Essa é a situação da gestão pública e particular brasileira hoje. Passou por experiências de crescimento, depois estagnou no deserto das incertezas e imaturidades, acabou se prostituindo com a adoção de modelos impróprios para as nossas necessidades enquanto País. Entrou em crise. Enfrenta sua hora da verdade. Faz seu balanço. E agora, convencida da impossibilidade de continuar no esquema do passado e de ressuscitar sonhos tornados impossíveis pelos erros, toma a decisão de atravessar seu Rubicão. Não há remédio, senão separar-se do modelo antigo, definitivamente desgastado e destruído pelo ácido corrosivo dos enganos, das mentiras e das ilusões, deixando para trás qualquer esperança de reconstrução dos antigos moldes de um passado definitivamente sepultado por novas realidades impostas pelos tempos presentes.

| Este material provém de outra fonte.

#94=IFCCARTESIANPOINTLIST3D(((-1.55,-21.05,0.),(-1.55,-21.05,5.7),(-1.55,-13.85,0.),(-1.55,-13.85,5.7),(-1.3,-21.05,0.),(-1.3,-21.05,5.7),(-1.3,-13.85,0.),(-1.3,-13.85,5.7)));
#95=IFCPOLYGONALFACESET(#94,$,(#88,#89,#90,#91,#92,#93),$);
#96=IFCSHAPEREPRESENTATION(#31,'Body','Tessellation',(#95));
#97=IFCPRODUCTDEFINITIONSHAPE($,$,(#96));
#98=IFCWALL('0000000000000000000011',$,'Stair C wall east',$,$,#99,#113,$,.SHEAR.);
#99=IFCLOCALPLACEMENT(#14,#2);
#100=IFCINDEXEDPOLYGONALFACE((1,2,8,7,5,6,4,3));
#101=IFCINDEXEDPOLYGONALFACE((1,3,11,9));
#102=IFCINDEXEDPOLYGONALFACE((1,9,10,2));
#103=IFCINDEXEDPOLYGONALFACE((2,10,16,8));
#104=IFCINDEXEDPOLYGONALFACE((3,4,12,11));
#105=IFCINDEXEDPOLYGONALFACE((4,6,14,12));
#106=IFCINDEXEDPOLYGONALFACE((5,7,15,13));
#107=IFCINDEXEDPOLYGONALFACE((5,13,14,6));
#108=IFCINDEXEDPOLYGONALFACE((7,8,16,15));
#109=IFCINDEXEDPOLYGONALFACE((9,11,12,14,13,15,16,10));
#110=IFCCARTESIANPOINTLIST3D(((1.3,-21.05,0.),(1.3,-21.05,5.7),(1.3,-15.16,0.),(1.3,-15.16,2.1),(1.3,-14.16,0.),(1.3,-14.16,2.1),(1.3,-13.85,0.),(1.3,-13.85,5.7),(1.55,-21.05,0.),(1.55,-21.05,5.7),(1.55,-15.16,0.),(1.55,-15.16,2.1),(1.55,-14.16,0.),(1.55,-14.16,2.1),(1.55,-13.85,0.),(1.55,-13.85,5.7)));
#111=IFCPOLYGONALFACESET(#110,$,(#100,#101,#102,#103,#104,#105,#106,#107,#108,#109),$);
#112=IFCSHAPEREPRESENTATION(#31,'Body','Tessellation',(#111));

A travessia do Rubicão é um ato profundamente solitário: significa desligar-se dos modelos que tanto mal fizeram à administração brasileira e partir para a busca de novos caminhos. Há horas em que mesmo esforços tardiamente sinceros de resgatar a verdade são insuficientes. E aí não têm jeito. Do lado de lá do Rubicão, novas teorias brasileiras de gestão esperam a sua vez, agora já libertadas de seu angustiante passado. O anseio de modernidade e de construção de uma verdadeira sociedade cidadã significam exatamente a imposição da desvinculação do modelo de administração patrimonialista aos interesses de minorias oligárquicas e tecnocráticas, retirando assim da burocracia a sua função de instrumento de manutenção do autoritarismo ainda reinante em nosso País.

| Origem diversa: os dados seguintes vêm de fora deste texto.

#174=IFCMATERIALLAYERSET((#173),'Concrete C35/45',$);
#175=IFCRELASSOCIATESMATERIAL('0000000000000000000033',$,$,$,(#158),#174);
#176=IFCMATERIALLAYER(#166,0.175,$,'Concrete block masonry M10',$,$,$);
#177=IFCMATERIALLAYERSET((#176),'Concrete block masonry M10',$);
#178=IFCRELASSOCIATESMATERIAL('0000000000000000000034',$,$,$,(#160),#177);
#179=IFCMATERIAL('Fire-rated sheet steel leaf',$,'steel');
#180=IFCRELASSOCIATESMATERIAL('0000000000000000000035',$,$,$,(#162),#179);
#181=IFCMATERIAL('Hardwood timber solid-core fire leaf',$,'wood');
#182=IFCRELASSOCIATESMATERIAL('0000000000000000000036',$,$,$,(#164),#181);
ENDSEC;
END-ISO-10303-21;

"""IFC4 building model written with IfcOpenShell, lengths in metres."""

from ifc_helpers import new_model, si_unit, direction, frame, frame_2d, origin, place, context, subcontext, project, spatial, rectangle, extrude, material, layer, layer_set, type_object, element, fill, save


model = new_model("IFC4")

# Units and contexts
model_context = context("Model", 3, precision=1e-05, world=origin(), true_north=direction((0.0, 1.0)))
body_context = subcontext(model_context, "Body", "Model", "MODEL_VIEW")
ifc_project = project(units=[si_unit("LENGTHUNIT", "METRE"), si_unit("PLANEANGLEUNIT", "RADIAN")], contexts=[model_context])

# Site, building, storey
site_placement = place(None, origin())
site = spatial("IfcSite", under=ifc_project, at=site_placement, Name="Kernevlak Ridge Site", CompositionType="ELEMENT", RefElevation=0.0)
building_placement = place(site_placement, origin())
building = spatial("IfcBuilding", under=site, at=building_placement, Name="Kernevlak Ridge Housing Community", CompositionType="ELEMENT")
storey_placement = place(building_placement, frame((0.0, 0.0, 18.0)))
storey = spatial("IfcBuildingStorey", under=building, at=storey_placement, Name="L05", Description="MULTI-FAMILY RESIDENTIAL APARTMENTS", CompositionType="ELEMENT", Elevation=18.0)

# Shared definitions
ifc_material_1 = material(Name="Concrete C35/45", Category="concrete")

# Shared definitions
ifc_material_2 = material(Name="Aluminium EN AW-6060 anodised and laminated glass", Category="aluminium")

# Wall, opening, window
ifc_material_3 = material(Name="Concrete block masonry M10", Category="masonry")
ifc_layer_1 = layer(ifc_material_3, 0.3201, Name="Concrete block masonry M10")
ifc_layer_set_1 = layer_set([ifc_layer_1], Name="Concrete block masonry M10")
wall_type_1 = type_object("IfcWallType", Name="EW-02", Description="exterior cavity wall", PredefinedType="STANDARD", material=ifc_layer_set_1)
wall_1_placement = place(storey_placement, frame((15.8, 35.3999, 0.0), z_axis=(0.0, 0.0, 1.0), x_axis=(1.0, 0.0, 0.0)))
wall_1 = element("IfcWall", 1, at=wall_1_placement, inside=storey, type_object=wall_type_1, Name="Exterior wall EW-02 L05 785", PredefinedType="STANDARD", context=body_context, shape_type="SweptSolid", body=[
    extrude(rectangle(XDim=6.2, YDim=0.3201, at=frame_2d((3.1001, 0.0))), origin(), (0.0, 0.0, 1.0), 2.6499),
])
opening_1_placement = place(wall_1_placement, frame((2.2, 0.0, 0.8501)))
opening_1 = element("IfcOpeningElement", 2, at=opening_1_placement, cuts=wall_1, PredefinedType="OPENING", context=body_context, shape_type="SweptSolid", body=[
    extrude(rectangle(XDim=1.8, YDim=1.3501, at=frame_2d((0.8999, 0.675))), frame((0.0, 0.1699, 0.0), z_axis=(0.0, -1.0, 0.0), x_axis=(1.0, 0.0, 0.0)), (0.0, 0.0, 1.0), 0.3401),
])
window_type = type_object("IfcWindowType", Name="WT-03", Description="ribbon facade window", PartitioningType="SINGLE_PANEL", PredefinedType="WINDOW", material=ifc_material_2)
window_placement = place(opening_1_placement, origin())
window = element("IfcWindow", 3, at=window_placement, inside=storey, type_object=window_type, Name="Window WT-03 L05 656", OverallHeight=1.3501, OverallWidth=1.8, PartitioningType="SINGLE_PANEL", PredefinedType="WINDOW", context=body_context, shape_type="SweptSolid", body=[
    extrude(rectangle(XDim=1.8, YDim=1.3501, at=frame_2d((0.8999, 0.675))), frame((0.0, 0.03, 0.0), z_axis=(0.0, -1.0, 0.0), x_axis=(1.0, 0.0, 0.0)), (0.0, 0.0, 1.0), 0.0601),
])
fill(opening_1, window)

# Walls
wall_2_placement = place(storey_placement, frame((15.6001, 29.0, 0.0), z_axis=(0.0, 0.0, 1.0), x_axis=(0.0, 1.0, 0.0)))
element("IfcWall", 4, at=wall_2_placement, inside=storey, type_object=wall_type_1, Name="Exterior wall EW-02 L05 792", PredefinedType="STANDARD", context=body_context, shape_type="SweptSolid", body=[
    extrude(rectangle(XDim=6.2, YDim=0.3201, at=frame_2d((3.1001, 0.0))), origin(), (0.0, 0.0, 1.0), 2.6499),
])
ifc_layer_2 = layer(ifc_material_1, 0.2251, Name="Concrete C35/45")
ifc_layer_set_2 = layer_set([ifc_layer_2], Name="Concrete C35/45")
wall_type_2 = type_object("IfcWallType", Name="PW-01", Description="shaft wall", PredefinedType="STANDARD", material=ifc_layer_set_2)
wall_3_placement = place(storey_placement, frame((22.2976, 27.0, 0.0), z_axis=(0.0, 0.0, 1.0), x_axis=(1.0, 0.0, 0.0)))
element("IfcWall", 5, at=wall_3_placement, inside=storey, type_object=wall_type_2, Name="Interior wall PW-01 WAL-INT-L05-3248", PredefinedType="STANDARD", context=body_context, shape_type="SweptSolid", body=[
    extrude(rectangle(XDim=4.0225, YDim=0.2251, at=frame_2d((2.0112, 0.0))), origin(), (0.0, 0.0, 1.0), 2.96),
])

A transformação democrática da burocracia da administração implica, em última análise, mudança no sistema de poder, mudança na correlação de forças no corpo social. Que fique, no entanto, bem claro: não se pode deixar nas mãos do burocrata a tarefa de imprimir à gestão o caráter da modernidade e da cidadania. Afinal, o burocrata tende a ter uma visão burocrática até mesmo da desburocratização e da desregulamentação. É por isso que as nossas sucessivas experiências de mudança da máquina pública têm sistematicamente fracassado: insiste-se em colocar o “lobo tomando conta do galinheiro”, pretende-se ingenuamente que o burocrata desburocratize e democratize as relações entre o poder público e a sociedade, entre a empresa e o cidadão, quando da própria burocracia provem os seus alimentos. O burocrata é o vampiro da máquina administrativa; para viver precisa se revigorar permanentemente nas exigências desnecessárias, nos cartórios, na papelada alienante e nos processos absurdos tão bem descrito por Franz Kafka.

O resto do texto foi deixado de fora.